In preparation for a discussion on social mobility on Saturday’s Today Programme , I read a report on the subject by the Sutton Trust. The top line of the report, quoted by both Nick Clegg in his speech last Tuesday and Neil O’Brien who was debating with me on Today, is that Australia and Canada have similar levels of inequality to the UK but much higher levels of mobility. The DPM and the Policy Exchange Director used the finding to rebut the view that reducing inequality is the best way to increase mobility.

In fact, looking across developed economies the relationship between lower inequality and higher mobility holds pretty well, but what about the Sutton Trust’s Anglophone quartet?  The Trust report contains a table providing figures for mobility but also for per capita income (2010) and the 2008 Gini coefficient (widely seen as the most reliable measure of inequality). I wondered whether bringing income into the equation might shed more light on the inequality-mobility relationship.

My calculation was pretty basic but still came out with a powerful comparison. First, I calculated the national per capita income as a percentage of the OECD average. This gave figures of: Australia 121%, Canada 115%, UK 106% and USA 138%. Then I did the same nation by nation comparison on the OECD Gini coefficient average: Australia 110%, Canada 103%, UK 110% and USA 123%.

Because the per capita range is significantly higher (32 percentage point spread) than the coefficient (20 points) I damped down the former by reducing each number by a third, making the new per capita comparisons; Australia 114%, Canada 110%, UK, 104% and USA 127%. Then I simply subtracted the coefficient from the per capita. The resulting figures for per capita income minus inequality are: Australia +4%, Canada, +7%, the USA +4% and the United Kingdom -6% (if I hadn’t damped the per capita figures the respective figures would have been Australia +11%, Canada +12%, USA +15% and UK -4%).

Whilst the crude and arbitrary nature of these calculations won’t impress a statistician, this is more evidence that the UK is now a pretty grim place to be poor. It’s a double whammy. The least well-off in the UK suffer both from our relatively poor per capita income and our high inequality; they are both absolutely and relatively worse off than the poor in many other developed nations.

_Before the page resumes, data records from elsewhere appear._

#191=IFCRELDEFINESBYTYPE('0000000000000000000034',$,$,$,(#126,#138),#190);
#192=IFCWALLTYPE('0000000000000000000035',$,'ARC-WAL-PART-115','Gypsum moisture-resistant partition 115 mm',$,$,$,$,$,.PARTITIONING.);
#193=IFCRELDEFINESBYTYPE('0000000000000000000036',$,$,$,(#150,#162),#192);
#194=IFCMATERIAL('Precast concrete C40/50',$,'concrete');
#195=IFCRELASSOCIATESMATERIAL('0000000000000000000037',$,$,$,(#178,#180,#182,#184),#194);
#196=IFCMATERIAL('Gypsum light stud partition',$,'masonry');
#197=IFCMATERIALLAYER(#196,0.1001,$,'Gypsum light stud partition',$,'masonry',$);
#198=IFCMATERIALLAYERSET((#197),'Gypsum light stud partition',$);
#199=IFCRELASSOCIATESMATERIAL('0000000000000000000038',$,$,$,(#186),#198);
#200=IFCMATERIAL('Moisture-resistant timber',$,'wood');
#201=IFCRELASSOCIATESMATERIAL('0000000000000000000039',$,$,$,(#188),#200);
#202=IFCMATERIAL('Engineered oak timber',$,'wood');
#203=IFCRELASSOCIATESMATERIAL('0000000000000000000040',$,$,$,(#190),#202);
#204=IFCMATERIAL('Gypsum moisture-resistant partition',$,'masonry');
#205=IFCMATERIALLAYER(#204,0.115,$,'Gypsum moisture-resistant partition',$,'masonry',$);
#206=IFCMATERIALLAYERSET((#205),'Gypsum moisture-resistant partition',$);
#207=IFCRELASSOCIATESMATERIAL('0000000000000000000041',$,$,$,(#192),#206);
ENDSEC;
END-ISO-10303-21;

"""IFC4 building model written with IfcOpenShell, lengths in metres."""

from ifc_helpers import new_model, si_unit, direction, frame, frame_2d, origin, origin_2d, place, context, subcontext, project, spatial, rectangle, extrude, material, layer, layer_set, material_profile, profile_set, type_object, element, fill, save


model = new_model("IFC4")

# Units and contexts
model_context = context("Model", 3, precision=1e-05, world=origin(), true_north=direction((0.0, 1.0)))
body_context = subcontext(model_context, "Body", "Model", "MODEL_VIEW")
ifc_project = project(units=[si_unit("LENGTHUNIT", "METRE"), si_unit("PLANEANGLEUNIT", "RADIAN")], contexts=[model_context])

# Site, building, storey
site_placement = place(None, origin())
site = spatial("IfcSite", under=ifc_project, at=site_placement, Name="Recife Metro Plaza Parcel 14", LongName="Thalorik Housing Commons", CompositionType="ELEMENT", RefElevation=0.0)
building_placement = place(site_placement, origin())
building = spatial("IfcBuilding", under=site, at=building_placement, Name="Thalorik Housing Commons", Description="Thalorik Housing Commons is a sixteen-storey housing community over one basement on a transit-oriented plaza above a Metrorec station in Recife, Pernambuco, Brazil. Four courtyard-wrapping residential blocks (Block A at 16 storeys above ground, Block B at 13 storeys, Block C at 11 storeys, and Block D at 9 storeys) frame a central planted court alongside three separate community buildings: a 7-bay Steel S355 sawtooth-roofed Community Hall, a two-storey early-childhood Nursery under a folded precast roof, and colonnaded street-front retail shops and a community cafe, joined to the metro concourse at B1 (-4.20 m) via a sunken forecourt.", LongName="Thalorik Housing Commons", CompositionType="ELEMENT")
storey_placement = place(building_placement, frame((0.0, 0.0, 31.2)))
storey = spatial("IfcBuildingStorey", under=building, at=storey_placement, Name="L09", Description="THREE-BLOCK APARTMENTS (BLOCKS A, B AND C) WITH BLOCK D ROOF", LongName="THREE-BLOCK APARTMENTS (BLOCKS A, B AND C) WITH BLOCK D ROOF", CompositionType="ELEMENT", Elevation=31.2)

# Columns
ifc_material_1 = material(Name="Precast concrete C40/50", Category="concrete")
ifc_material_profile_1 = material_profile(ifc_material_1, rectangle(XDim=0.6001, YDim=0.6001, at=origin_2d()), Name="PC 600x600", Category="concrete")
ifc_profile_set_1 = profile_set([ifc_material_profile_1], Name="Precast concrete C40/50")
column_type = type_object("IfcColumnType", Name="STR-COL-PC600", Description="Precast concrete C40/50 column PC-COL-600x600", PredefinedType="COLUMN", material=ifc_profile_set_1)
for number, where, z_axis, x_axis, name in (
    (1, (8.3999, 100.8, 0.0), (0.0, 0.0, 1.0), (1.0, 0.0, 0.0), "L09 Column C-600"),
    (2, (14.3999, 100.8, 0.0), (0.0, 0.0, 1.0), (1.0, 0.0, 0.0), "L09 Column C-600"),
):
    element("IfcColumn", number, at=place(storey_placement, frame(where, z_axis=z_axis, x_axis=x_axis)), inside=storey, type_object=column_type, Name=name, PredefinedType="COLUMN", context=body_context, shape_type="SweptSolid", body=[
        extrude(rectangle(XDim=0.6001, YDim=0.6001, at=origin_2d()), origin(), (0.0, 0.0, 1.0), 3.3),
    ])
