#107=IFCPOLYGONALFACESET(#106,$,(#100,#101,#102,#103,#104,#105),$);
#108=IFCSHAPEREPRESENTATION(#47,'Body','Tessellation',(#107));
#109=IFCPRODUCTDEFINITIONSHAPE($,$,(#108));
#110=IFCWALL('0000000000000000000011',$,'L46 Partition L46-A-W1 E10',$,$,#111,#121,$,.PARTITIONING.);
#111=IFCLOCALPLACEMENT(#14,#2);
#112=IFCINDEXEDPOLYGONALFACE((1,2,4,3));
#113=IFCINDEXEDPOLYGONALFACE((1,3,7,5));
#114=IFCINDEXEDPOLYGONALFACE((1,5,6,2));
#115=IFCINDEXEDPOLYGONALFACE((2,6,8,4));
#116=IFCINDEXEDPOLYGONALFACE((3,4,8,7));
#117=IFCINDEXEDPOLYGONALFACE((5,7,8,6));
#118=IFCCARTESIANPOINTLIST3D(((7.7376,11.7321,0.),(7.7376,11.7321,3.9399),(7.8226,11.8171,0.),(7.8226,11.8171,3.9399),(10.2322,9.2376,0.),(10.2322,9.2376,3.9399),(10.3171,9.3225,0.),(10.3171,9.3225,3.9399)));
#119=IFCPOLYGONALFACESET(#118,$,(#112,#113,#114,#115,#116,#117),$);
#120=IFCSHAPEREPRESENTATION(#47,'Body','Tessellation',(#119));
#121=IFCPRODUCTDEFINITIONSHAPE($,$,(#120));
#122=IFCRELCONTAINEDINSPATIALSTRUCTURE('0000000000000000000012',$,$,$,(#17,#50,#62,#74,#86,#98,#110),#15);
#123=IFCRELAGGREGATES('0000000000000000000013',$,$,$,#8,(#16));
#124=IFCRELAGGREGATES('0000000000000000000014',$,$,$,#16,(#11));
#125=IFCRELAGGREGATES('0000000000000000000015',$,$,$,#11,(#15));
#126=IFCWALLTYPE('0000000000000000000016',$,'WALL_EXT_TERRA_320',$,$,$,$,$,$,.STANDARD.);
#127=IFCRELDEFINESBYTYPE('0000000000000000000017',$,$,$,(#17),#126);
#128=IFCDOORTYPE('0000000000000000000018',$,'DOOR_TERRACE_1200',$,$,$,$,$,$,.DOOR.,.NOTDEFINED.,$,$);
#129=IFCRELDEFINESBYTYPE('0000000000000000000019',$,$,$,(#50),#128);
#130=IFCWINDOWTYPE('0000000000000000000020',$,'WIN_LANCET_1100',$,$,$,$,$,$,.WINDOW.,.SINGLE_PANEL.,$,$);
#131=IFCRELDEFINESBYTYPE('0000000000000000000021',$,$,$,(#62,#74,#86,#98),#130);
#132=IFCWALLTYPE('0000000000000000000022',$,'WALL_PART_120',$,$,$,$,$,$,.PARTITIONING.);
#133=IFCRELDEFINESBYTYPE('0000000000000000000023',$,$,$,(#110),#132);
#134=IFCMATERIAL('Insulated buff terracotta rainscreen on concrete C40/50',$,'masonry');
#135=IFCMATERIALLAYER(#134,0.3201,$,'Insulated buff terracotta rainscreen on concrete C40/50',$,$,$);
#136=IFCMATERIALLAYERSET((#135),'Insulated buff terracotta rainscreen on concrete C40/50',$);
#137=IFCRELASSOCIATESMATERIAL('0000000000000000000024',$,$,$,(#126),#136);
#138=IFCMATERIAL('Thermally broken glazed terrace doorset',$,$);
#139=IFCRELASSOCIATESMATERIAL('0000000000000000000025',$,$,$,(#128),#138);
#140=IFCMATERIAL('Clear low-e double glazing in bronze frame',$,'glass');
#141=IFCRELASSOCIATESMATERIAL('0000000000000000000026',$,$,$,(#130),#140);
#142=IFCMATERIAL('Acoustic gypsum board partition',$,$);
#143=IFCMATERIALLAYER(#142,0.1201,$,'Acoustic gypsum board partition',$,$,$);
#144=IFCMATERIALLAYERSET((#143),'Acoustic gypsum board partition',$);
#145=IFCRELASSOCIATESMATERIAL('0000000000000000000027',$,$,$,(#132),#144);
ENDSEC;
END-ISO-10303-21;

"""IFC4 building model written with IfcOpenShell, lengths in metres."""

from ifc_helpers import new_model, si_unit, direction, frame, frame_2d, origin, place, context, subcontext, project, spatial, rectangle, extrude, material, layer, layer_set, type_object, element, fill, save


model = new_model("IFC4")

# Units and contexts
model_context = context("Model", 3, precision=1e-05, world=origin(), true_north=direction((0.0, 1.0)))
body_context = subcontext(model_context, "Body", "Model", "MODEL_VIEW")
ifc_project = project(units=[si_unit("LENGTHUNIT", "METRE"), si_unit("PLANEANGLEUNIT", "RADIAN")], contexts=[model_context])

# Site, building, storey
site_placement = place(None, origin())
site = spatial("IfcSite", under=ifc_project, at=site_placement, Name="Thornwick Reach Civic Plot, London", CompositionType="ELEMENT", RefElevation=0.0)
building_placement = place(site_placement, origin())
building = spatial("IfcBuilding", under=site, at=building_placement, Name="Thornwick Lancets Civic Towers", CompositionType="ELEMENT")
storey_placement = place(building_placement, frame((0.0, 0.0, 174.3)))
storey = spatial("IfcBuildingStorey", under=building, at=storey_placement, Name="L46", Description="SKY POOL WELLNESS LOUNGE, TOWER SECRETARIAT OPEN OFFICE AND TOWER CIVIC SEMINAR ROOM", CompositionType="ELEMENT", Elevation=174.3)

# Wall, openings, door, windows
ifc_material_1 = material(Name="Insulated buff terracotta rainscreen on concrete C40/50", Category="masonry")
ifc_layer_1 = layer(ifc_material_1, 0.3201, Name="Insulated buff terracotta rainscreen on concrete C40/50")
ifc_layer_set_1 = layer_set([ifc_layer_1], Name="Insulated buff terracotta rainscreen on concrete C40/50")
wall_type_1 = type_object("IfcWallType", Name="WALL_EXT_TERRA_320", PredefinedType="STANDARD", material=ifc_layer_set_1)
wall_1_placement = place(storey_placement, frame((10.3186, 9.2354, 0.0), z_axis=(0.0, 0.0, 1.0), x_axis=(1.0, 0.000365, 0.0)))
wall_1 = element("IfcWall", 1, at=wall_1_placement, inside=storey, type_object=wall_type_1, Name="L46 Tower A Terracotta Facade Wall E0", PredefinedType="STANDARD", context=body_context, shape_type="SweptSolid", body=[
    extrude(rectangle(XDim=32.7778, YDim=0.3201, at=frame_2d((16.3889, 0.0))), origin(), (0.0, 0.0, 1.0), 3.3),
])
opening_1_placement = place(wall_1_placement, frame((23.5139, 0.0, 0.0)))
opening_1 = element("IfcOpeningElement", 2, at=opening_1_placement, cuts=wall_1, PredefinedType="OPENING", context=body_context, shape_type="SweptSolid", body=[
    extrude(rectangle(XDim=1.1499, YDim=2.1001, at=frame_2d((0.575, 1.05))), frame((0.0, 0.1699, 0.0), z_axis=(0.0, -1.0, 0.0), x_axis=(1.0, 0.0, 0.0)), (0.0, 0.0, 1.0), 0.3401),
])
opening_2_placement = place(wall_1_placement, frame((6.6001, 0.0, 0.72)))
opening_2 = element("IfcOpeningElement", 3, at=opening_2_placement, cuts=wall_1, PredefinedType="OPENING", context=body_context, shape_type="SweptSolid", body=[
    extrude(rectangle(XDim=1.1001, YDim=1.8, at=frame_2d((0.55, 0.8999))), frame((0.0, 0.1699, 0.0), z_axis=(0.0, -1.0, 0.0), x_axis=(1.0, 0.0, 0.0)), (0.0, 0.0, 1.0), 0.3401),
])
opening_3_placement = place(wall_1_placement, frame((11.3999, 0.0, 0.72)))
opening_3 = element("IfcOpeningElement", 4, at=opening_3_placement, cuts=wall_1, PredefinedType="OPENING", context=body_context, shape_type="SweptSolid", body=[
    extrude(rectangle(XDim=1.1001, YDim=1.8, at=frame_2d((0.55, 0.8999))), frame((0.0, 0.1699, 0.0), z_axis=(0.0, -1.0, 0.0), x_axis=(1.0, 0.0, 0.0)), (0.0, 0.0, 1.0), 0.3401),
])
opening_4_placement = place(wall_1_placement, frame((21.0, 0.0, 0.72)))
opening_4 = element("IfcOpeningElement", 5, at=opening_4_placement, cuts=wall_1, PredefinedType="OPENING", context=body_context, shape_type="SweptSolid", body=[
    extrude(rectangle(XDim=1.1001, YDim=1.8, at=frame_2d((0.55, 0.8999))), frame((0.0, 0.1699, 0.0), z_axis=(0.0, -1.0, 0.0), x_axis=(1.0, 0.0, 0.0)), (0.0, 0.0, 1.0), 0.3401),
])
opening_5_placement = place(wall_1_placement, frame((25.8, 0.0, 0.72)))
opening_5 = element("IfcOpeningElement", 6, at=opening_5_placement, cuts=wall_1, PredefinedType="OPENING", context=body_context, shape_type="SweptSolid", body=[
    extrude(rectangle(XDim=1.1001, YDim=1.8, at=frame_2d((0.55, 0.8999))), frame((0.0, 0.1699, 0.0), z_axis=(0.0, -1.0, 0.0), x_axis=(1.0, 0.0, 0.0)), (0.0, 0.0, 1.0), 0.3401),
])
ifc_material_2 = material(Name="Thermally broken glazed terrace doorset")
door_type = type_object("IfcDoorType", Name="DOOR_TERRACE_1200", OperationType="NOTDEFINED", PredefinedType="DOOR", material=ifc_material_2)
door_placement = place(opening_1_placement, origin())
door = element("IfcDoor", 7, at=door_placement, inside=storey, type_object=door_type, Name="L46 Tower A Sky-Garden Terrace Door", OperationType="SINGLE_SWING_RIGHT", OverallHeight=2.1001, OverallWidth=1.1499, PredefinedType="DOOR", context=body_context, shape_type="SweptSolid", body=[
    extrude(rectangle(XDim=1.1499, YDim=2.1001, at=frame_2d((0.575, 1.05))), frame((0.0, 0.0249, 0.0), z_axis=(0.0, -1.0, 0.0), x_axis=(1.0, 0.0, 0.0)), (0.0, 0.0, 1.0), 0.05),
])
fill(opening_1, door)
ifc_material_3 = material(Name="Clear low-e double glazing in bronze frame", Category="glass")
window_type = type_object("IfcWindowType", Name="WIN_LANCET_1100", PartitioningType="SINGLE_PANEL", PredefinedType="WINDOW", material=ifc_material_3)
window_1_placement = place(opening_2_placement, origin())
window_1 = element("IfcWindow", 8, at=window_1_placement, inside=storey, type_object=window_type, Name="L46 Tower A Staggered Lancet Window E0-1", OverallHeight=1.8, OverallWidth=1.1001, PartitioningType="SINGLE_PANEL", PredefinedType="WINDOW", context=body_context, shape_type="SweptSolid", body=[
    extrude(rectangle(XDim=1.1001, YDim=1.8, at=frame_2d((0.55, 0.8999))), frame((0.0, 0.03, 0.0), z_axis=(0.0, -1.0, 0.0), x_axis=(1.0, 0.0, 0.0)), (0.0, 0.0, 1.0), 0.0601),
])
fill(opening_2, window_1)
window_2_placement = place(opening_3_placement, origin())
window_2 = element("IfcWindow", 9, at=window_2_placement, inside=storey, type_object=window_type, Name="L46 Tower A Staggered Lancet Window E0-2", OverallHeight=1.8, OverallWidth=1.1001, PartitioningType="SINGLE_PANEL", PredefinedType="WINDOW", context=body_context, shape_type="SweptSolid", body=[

I haven’t got the data to hand, but it is a pretty safe bet that the UK poor are also lagging way behind Scandinavia, Germany, Holland, Belgium and France.

Despite our current severe economic difficulties, I suspect most middle class people in the UK still feel they live in one of the richest countries in the world. Inequality not only makes life tougher for the poor, it also disguises the nation’s performance from a middle class for whom intra-national privilege disguises international weakness.

An important omission from data based on per-capita income is the social wage of public service entitlements. Including this would improve the relative standing of the UK poor in comparison to the equivalents in US but make little difference in relation to the other better performing nations, which on the whole have reasonably generous provision. And with an estimated 90% of public sector cuts yet to be implemented in the UK, the social wage is also set to substantially decline.

Now, the fact that the well-off in the UK are in the global Premiership while the UK’s poor have been relegated to the Championship does not in itself imply a specific policy response. Those advocating reductions in benefit entitlements and tough conditionality regimes will argue that they care as much about the poor as the advocates of greater redistribution. However, in comparison to debates about social mobility and welfare dependency, the sheer fact of the declining fortunes of our least well off is something which tends to get underplayed in mainstream debate.

As the Jubilee weekend approaches, the European Championships beckon (for the English at least) and the Olympics hove into view there will be a lots of flag waving and national pride on view. Perhaps at this time we should also bear in mind the following sentiments:

“Any society, any nation, is judged on the basis of how it treats its weakest members – the last, the least, the littlest.”

Cardinal Roger Mahony, in a 1998 letter, Creating a Culture of Life

“A decent provision for the poor is the true test of civilization.”